# Another "mystery fish" question



## SpringmaidKeith (Jun 30, 2013)

Here I go again, this is gonna be a crazy season. I've had a few people asking me over the weeks, what is the RED fish I caught? I asked, spot tail, Red Drum?? They said no, it was a small RED fish. I finally saw a pic yesterday of one that was caught on the pier, never saw it before. Took a long look at it & of course come home & spend an hr looking in my Fish Encyclopedia for pics.
The closest I could find would prob be the Vermillian Snapper. the pic I saw was on the bait rail, approx8-10" long, long spikey dorsel fin, & RED. My wifi was down so I couldnt search other pics. I just finished seeing some pics on the www now, & info on them.
They're not known to be this far inshore. Surely someone out here can help me out, SM can't be the only pier that has seen these with State Park 1 mile away& 2nd Ave 2 miles away. The possible "cobia" kept me up last week, Before that, the Hake, now these guys.
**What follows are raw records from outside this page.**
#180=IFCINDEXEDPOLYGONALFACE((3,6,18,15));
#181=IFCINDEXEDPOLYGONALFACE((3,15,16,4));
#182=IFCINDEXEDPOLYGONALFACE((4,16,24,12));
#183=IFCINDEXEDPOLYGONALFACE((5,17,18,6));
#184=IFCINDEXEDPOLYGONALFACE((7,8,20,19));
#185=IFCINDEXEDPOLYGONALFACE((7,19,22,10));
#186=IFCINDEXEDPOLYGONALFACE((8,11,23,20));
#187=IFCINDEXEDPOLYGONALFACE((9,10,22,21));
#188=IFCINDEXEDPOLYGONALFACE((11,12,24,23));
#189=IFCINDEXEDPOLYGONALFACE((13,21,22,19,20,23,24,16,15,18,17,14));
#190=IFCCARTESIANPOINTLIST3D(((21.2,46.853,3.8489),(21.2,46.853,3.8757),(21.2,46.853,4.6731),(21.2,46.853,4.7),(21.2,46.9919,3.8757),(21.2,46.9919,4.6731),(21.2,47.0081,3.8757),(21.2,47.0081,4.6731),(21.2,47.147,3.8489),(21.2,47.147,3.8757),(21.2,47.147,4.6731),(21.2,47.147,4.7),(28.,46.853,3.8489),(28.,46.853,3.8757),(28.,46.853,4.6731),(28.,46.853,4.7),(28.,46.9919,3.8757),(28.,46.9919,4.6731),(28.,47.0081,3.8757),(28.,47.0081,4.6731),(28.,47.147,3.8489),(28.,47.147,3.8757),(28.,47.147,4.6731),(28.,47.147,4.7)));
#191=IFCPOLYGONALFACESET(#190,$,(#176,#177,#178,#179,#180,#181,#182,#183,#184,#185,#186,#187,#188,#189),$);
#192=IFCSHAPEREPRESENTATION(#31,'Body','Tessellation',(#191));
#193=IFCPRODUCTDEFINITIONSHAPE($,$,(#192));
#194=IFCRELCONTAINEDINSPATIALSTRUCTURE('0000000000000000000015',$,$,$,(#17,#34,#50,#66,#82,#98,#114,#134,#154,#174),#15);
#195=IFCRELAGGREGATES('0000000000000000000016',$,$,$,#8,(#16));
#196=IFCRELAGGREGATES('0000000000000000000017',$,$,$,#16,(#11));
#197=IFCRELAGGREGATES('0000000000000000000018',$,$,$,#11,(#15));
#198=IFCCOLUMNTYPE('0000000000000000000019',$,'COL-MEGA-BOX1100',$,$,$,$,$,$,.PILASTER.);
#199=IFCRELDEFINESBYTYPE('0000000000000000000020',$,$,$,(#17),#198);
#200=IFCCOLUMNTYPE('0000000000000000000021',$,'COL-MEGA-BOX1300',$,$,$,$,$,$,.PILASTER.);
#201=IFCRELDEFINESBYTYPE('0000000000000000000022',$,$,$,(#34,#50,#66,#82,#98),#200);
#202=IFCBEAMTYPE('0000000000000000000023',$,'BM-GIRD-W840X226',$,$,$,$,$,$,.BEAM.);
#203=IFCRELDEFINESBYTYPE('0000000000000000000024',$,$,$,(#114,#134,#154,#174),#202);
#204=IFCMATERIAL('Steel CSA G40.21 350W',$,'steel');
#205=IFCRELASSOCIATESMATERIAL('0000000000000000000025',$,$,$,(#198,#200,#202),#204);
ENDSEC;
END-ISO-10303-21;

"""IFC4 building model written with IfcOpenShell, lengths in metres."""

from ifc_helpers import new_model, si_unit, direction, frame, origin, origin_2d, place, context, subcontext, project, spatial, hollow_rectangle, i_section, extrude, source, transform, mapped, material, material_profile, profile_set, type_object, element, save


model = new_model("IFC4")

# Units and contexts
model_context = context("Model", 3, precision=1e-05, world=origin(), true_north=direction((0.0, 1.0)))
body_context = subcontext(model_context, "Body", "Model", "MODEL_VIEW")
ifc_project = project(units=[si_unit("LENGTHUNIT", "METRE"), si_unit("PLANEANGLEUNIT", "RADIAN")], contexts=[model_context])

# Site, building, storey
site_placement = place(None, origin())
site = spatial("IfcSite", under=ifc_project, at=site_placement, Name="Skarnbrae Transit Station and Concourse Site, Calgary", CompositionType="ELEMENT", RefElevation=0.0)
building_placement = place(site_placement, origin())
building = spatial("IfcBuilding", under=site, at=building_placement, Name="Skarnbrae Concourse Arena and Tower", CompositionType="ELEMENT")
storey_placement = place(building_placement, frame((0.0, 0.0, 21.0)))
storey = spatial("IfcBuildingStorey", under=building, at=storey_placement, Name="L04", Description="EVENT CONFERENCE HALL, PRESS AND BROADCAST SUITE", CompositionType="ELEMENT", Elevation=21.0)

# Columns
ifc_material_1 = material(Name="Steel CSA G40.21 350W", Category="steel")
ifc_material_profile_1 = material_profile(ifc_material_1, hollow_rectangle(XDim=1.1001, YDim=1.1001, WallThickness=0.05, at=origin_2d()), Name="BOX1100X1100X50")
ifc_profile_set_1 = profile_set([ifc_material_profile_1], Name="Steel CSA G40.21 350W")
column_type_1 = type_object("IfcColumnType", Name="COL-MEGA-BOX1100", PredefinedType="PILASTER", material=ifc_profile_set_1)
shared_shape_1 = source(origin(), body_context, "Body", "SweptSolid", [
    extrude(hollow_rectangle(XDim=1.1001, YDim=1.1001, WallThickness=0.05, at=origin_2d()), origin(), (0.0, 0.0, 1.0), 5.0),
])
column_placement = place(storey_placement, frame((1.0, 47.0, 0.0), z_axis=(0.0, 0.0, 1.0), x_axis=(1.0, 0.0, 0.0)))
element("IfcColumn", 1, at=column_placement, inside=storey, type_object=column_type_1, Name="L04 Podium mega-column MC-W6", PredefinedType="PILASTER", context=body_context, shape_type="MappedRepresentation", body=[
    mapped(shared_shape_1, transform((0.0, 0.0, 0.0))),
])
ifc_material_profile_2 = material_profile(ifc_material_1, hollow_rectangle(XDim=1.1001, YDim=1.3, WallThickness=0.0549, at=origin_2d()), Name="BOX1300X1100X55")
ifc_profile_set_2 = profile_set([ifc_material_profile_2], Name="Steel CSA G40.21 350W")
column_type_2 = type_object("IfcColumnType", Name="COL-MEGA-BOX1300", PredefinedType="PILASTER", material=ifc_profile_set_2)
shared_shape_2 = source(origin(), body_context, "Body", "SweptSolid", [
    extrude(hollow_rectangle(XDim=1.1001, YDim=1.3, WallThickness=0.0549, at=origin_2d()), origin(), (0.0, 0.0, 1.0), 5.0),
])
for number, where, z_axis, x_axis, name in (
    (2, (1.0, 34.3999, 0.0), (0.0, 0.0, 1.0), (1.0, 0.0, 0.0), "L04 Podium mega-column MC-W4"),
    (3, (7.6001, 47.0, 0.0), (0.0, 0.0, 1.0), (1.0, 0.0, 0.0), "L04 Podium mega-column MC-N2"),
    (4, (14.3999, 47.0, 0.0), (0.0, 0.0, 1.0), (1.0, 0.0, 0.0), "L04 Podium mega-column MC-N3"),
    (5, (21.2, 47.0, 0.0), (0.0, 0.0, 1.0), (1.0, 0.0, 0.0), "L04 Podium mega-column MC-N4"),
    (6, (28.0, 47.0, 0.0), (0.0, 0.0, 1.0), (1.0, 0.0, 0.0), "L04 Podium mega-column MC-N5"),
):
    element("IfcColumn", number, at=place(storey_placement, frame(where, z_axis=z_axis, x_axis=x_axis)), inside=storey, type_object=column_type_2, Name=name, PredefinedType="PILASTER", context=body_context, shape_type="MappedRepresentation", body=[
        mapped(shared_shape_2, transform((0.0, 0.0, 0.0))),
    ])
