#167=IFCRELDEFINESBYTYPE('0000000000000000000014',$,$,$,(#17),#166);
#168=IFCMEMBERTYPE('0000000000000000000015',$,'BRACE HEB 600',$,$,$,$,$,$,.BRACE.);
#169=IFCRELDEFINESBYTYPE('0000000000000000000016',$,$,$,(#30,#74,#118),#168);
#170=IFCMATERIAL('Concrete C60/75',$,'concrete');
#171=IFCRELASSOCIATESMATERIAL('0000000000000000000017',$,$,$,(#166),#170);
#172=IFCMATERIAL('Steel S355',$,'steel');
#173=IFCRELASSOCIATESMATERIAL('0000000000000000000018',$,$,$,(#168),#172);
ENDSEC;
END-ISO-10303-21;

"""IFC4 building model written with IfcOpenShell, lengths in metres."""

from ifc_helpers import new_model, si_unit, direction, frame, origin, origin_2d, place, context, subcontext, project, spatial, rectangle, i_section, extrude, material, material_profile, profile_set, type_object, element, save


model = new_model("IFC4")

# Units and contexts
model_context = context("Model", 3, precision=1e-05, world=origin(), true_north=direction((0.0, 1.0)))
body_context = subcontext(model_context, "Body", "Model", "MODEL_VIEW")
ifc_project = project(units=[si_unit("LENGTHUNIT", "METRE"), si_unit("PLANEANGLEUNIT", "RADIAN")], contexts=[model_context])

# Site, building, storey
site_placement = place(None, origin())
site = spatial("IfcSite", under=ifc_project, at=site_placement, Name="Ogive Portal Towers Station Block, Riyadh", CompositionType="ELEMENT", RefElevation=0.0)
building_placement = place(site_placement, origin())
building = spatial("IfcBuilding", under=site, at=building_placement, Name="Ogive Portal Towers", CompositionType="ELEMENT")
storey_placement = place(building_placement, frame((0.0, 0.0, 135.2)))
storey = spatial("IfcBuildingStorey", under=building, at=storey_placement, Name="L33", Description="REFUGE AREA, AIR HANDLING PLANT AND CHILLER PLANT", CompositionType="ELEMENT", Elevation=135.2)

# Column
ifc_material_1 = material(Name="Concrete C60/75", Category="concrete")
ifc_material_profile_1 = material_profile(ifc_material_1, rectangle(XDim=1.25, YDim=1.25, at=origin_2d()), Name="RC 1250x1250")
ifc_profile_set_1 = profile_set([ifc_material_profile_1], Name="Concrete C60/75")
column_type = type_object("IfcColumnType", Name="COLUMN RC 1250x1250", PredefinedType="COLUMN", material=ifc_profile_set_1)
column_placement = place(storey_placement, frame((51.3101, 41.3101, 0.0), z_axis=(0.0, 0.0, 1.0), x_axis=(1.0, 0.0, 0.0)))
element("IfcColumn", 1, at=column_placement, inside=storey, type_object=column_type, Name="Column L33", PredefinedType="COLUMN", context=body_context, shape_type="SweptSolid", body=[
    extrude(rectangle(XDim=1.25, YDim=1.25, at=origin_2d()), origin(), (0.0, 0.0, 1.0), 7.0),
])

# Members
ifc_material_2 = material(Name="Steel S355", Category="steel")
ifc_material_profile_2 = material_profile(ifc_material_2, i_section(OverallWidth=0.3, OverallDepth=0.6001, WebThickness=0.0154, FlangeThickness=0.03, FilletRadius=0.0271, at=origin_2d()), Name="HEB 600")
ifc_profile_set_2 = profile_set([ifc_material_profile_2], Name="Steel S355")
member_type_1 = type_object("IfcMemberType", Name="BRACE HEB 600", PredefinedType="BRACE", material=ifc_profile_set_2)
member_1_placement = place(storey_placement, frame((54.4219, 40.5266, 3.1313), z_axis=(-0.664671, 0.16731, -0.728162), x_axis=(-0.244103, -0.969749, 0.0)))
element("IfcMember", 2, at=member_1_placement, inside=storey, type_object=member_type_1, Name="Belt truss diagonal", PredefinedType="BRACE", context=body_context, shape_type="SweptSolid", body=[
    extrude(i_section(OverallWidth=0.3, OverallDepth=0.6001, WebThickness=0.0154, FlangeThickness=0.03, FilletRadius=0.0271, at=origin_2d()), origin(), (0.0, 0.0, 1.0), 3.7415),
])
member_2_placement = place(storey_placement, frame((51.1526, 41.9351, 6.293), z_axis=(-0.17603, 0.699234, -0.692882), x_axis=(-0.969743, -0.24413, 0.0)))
Any Ideas guys/gals are appreciated. The water is clearing after the Typhoon that hit a few days ago, so here's to hopefully a good Smack run Sunday!! Thanks, K. Oh, look at the time, it is Sunday.....Fish On!!


----------



## RoccoS (May 4, 2014)

I am fairly new to this pier fishing thing. I spent from 7 am until 2 pm today at SM and caught only a few keeper Spanish. Any pointers on weather conditions or tides that are best??.....Thanks


----------



## RjTheMetalhead (Dec 3, 2011)

RoccoS said:


> I am fairly new to this pier fishing thing. I spent from 7 am until 2 pm today at SM and caught only a few keeper Spanish. Any pointers on weather conditions or tides that are best??.....Thanks


Fishing sucked all around today, I was there from 8 to 4. Saw a handful of Spanish caught 
No bait=no Spanish! Not a single silverside to be found today

Usually they bite best in the mornings and evenings and around low tide and midday are dead periods most days.


----------



## RoccoS (May 4, 2014)

Thanks for the input RJ......Hopefully tomorrow will be better!!


----------



## piscesman (Apr 18, 2009)

Wife and I fished frim 8:09-1:00. No Spanish mackerel were caught. I caught the biggest whiting today. A mixed bag of Blues, whiting, pin fish, undersized flounder, sharks, rays and others. A cast net brought up a bunch of green backs. All and all a busy day with little results. Tomorrow is another day.
Kim


----------



## SpringmaidKeith (Jun 30, 2013)

RoccoS said:


> I am fairly new to this pier fishing thing. I spent from 7 am until 2 pm today at SM and caught only a few keeper Spanish. Any pointers on weather conditions or tides that are best??.....Thanks


I thought today wouldve been alright until I got to the pier & it was overcast. The water is nice and clear, hopefully the sun will shine tommorrow, the wind will shift SSE, & they'll start running. Maybe I'll see ya, K


----------



## SpringmaidKeith (Jun 30, 2013)

Now back to my Mystery Fish.... Anyone????


----------



## ez2cdave (Oct 13, 2008)

springmaidkeith said:


> now back to my mystery fish.... Anyone????


"Red Toro" ???


----------



## SpringmaidKeith (Jun 30, 2013)

ez2cdave said:


> "Red Toro" ???
> 
> View attachment 12189


Nope, long, slender body, kinda like the trout, red & long dorsal fin. But thank you for the response. I've checked with boat charters advertisments & they say the vermillian snapper are usually caught 25+ miles off shore so I have no clue. The God's of the seas are just picking on me this year. I hope they give a Mermaid as a gift, thanks again, Keith


----------



## ntizda (Sep 5, 2012)




----------



## RjTheMetalhead (Dec 3, 2011)

Was it a fish?
Kieth offshore fish are going to show up every now and then. 
I've seen plenty of black sea bass(1 last year was 15 inches), several young gag groupers, 2 mangrove snappers, couple of white grunts from the pier or inlet.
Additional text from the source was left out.